Los vampiros asesinos de los Andes

En la parte boliviana de los Andes se les conoce como Abchanchus, criaturas que se dedican a matar a los habitantes del lugar para absorberles la sangre. El reportero Juan Antonio Sanz ha viajado a esta zona para investigar el asunto, que recopila en su nuevo libro, titulado "Vampiros, príncipes del abismo" (Almuzara, 2020)

24/05/2022 (12:00 CET) Actualizado: 24/05/2022 (13:16 CET)
Los vampiros asesinos de los Andes
Los vampiros asesinos de los Andes

La señora Julia tomó un poco más del charque y la quínoa que le habíamos ofrecido. Le faltaban algunos dientes, pero no fue problema alguno para mascar con fruición la carne mechada, un tanto más seca por el camino largo que habíamos recorrido hasta esa aldea perdida en un escarpado rincón de los Andes. Acompañábamos la magra cena con té y charla, mucha charla. El poblacho de Takesi, una docena de casas pequeñas con algunos techos de paja, está encajonado en un estrecho valle, con altos y abruptos farallones a los lados. Íbamos a pasar la noche en un chamizo de ladrillos cubiertos por una capa de cemento. La puerta estaba destrozada y hacía frío, mucho frío en ese junio austral y a casi 3.800 metros de altura, pero estaba limpio.

Los abchanchus se aparecían en las veredas de los caminos y, cuando el viajero menos se lo esperaba, le cortaban el cuello

Allí, Gabriel y yo tendimos nuestros sacos de dormir y sacamos nuestras pequeñas provisiones para cenar. Doña Julia cobraba diez pesos (poquito más de un euro) por pasar la noche en el cobertizo. Cada cierto tiempo, esa titularidad para acoger a los peregrinos del Camino del Inca pasaba a otro vecino de Takesi.

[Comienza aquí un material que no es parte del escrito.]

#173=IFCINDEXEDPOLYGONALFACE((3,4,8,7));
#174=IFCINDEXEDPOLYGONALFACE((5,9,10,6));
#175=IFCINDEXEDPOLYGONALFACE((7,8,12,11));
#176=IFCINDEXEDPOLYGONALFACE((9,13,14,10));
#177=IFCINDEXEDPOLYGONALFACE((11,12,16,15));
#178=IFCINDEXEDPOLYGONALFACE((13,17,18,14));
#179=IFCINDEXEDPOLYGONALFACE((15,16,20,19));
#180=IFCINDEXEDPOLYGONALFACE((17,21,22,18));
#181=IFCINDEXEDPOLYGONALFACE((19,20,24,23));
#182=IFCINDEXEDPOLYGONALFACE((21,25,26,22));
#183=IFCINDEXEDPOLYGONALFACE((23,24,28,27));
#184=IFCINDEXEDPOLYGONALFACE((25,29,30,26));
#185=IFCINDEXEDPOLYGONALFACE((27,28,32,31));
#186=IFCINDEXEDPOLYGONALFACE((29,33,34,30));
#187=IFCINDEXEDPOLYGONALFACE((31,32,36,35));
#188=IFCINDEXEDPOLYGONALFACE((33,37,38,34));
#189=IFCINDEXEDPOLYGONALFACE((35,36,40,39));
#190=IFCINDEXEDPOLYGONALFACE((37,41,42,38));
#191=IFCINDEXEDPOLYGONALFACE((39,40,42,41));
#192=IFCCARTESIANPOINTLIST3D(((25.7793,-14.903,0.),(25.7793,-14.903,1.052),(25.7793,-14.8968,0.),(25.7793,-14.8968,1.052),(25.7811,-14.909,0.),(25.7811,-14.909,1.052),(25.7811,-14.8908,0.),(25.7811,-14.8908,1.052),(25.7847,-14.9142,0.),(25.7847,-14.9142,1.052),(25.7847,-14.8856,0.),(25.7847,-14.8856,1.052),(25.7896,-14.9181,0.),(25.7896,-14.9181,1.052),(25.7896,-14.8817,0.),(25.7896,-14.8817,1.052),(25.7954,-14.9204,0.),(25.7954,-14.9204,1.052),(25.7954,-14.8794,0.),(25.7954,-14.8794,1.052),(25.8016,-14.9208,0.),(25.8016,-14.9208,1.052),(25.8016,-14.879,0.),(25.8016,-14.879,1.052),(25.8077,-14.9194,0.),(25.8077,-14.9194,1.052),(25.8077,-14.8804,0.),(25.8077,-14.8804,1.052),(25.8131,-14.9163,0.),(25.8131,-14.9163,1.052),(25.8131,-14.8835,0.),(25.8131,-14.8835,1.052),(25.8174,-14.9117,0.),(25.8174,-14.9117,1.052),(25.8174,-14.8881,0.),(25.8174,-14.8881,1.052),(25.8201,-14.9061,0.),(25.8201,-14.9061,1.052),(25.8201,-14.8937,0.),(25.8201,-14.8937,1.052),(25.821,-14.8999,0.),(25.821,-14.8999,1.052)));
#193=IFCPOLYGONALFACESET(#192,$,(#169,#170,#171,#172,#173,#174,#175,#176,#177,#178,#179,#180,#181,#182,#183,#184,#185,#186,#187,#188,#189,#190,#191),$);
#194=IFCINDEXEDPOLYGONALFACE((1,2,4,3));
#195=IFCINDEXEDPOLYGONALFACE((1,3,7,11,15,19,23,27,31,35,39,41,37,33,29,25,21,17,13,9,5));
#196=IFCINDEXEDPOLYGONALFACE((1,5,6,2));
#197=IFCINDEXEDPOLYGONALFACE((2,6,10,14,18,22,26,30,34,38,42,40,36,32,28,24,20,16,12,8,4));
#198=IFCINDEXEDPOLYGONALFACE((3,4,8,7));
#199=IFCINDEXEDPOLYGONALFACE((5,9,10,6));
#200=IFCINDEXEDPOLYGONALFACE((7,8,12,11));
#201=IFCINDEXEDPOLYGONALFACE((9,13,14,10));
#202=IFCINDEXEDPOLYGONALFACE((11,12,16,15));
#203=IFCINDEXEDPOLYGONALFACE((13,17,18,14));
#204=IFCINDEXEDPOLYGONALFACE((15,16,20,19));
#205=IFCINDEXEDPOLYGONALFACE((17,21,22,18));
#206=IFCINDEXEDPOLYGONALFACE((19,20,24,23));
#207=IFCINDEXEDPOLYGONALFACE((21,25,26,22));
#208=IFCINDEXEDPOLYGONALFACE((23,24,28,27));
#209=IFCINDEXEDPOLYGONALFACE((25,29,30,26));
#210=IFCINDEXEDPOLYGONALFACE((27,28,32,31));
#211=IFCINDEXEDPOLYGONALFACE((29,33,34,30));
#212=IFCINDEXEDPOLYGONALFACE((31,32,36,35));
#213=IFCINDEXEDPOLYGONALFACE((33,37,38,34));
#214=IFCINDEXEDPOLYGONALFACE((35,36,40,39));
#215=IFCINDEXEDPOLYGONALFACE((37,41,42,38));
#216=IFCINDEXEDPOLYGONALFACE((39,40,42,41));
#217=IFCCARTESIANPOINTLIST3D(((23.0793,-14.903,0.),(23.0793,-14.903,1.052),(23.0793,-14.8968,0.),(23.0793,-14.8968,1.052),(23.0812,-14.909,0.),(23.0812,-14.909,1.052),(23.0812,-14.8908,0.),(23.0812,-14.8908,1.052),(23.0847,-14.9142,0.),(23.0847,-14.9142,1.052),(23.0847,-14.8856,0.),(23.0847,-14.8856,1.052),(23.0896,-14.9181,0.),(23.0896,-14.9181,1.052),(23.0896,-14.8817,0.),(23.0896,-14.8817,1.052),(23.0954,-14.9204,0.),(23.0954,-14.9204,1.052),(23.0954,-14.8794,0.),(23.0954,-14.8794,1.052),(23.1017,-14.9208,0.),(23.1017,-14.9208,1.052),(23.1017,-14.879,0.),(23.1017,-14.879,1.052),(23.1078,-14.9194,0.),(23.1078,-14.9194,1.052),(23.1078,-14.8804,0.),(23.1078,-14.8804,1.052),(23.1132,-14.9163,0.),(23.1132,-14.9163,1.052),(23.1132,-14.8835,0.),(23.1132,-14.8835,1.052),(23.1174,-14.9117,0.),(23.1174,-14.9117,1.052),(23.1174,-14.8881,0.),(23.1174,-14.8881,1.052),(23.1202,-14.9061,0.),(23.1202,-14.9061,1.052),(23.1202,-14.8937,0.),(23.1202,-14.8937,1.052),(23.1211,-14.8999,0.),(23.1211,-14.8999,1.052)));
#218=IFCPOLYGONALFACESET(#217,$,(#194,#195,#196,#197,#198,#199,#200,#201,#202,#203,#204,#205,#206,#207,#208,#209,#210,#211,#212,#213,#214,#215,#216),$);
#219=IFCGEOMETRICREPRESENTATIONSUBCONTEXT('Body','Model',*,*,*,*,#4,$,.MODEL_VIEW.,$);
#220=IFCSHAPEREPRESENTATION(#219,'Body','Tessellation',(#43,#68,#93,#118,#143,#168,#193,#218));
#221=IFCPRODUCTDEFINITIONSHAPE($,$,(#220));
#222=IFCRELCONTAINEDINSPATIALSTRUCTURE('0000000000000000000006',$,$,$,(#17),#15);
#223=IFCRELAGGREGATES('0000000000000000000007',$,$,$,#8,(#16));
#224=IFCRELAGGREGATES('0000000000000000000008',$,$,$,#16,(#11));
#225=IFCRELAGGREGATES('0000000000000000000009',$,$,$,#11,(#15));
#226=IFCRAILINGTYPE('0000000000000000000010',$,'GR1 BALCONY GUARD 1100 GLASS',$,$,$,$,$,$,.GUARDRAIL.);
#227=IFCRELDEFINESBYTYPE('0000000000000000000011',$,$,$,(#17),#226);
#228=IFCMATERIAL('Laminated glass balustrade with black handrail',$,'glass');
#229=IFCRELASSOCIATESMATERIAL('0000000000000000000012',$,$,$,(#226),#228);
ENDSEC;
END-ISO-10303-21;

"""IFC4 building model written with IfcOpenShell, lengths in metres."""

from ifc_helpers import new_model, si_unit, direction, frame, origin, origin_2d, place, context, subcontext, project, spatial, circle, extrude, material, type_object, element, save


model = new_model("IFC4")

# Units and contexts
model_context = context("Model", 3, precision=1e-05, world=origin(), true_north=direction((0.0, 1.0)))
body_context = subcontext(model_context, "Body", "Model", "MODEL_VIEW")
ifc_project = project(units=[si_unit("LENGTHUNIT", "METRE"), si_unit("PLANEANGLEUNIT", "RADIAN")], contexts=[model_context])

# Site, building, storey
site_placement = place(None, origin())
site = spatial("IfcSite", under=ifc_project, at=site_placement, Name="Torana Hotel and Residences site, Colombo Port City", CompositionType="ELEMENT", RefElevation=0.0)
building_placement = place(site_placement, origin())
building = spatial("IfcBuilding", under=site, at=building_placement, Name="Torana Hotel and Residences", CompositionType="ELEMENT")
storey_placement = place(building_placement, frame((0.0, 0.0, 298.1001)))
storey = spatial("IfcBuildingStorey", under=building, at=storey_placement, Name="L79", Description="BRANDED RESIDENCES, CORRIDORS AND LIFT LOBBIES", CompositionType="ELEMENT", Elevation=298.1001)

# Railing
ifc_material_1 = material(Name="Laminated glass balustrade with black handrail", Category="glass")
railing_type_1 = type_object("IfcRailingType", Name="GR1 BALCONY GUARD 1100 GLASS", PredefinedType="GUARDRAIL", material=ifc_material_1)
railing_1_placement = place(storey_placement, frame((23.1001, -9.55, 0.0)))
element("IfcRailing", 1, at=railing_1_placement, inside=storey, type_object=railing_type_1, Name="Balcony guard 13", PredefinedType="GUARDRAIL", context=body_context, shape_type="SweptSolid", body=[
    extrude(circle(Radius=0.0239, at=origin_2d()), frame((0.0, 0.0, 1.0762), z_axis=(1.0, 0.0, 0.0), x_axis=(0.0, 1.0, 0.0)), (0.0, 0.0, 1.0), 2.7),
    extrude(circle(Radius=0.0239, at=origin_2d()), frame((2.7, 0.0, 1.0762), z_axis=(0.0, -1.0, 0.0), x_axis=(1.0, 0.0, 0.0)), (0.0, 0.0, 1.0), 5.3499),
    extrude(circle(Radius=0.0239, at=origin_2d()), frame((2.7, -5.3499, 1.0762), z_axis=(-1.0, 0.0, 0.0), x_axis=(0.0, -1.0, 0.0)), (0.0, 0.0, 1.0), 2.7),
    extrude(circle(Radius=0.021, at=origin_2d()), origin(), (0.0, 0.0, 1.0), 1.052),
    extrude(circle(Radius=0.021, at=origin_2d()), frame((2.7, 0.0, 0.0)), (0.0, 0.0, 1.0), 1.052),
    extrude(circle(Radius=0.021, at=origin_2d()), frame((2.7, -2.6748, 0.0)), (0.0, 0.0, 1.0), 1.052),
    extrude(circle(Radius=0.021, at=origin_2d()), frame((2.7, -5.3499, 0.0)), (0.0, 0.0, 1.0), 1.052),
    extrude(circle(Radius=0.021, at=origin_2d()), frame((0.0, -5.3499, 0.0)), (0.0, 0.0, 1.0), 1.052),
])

Siempre había un loco o un grupo de locos que atravesaba a pie la cordillera hasta los 4.500 metros de altura de Mina San Francisco y comenzaba la bajada hasta los desfiladeros de ceja de selva de los Yungas, muy cerca de la carretera más peligrosa del planeta. «Saben, acá siempre hubo viajeros, incluso en los tiempos en que había mucho miedo para pasar por el valle. Mucho miedo. Un terror más viejo que las montañas», decía la señora Julia que, a sus sesenta años, aunque aparentara setenta y su piel fuera de cuero repujado, tenía muy buena memoria del pasado y muy poca esperanza para el presente.

Lago Titicaca
Vista del lagoTiticaca. En este mágico enclave de América, el autor de este reportaje ha recopilado historias sobre apariciones de entidades sobrenaturales que matan a los lugareños absorbiéndoles la sangre.

«NO ERAN HOMBRES NI FANTASMAS»

«Esas montañas estaban llenas de demonios y bajaban cuando se acercaban las caravanas con destino a los Yungas. Siempre desaparecía una persona, pero eso lo daban ya por cierto y hecho, como algo que no podía evitarse. Eran abchanchus y se llevaban a la gente para sacarles la grasita y la sangre. No eran hombres ni eran fantasmas. Eran abchanchus feos y paseaban todo el altiplano desde sus guaridas en estas montañas y otras. Ya verán uno de esos valles estrechitos y llenos de cuevas. Allá andaban viviendo. Y en las encrucijadas esperaban a los caminantes y les sacaban la sangre y a veces se los comían también. Eran tiempos de miedo. Eso contaba mi abuelita». La señora Julia nos había preguntado de dónde veníamos. Le dijimos que de La Paz, donde vivíamos Gabriel Barceló y yo en ese año de 2014. Ambos trabajábamos por entonces para los españoles, él en el Centro Cultural de España y yo con diversas consultorías para la cooperación. «Los abchanchus siempre estuvieron en las montañas y el altiplano, con los españoles, con los incas y antes», nos contó la buena señora. «¿Y cómo eran los abchanchus?», le pregunté. «Calvos, muy gordos y pálidos. Bueno, eso es lo que se decía. Solo se decía eso. Pero siempre tenían hambre», terminó la señora Julia, mientras comía un poco más de charque.

El señor Lucano era mayor que la señora Julia y tenía más memoria sobre los caminantes chupadores de sangre. Vivía en Pampa Belén, un pequeño pueblito del municipio de Achacachi, territorio de los irredentos ponchos rojos, como se denomina por su vestimenta a estos pueblos aymaras del norte de Bolivia, al este del lago Titicaca y en pleno altiplano. Los Andes se alzaban a varios kilómetros hacia el este y el cielo era un auténtico tapiz andino de tonos azules sobre verde y siena en esa mañana de fines de noviembre de 2015. Yo formaba parte de una delegación de la cooperación española que asistía a la inauguración del nuevo sistema de agua potable y saneamiento básico para esa comunidad aymara. Ya habíamos participado en la ceremonia, junto a las autoridades municipales, los mallkus, los yatiris y la totalidad de los habitantes del pueblo, y nos disponíamos a presenciar los festejos, con danzas y canciones, con los que los parroquianos de Pampa Belén nos agasajaban antes del tradicional banquete a base de patatas cocidas, pollo asado, huevos cocidos, arroz y otras viandas.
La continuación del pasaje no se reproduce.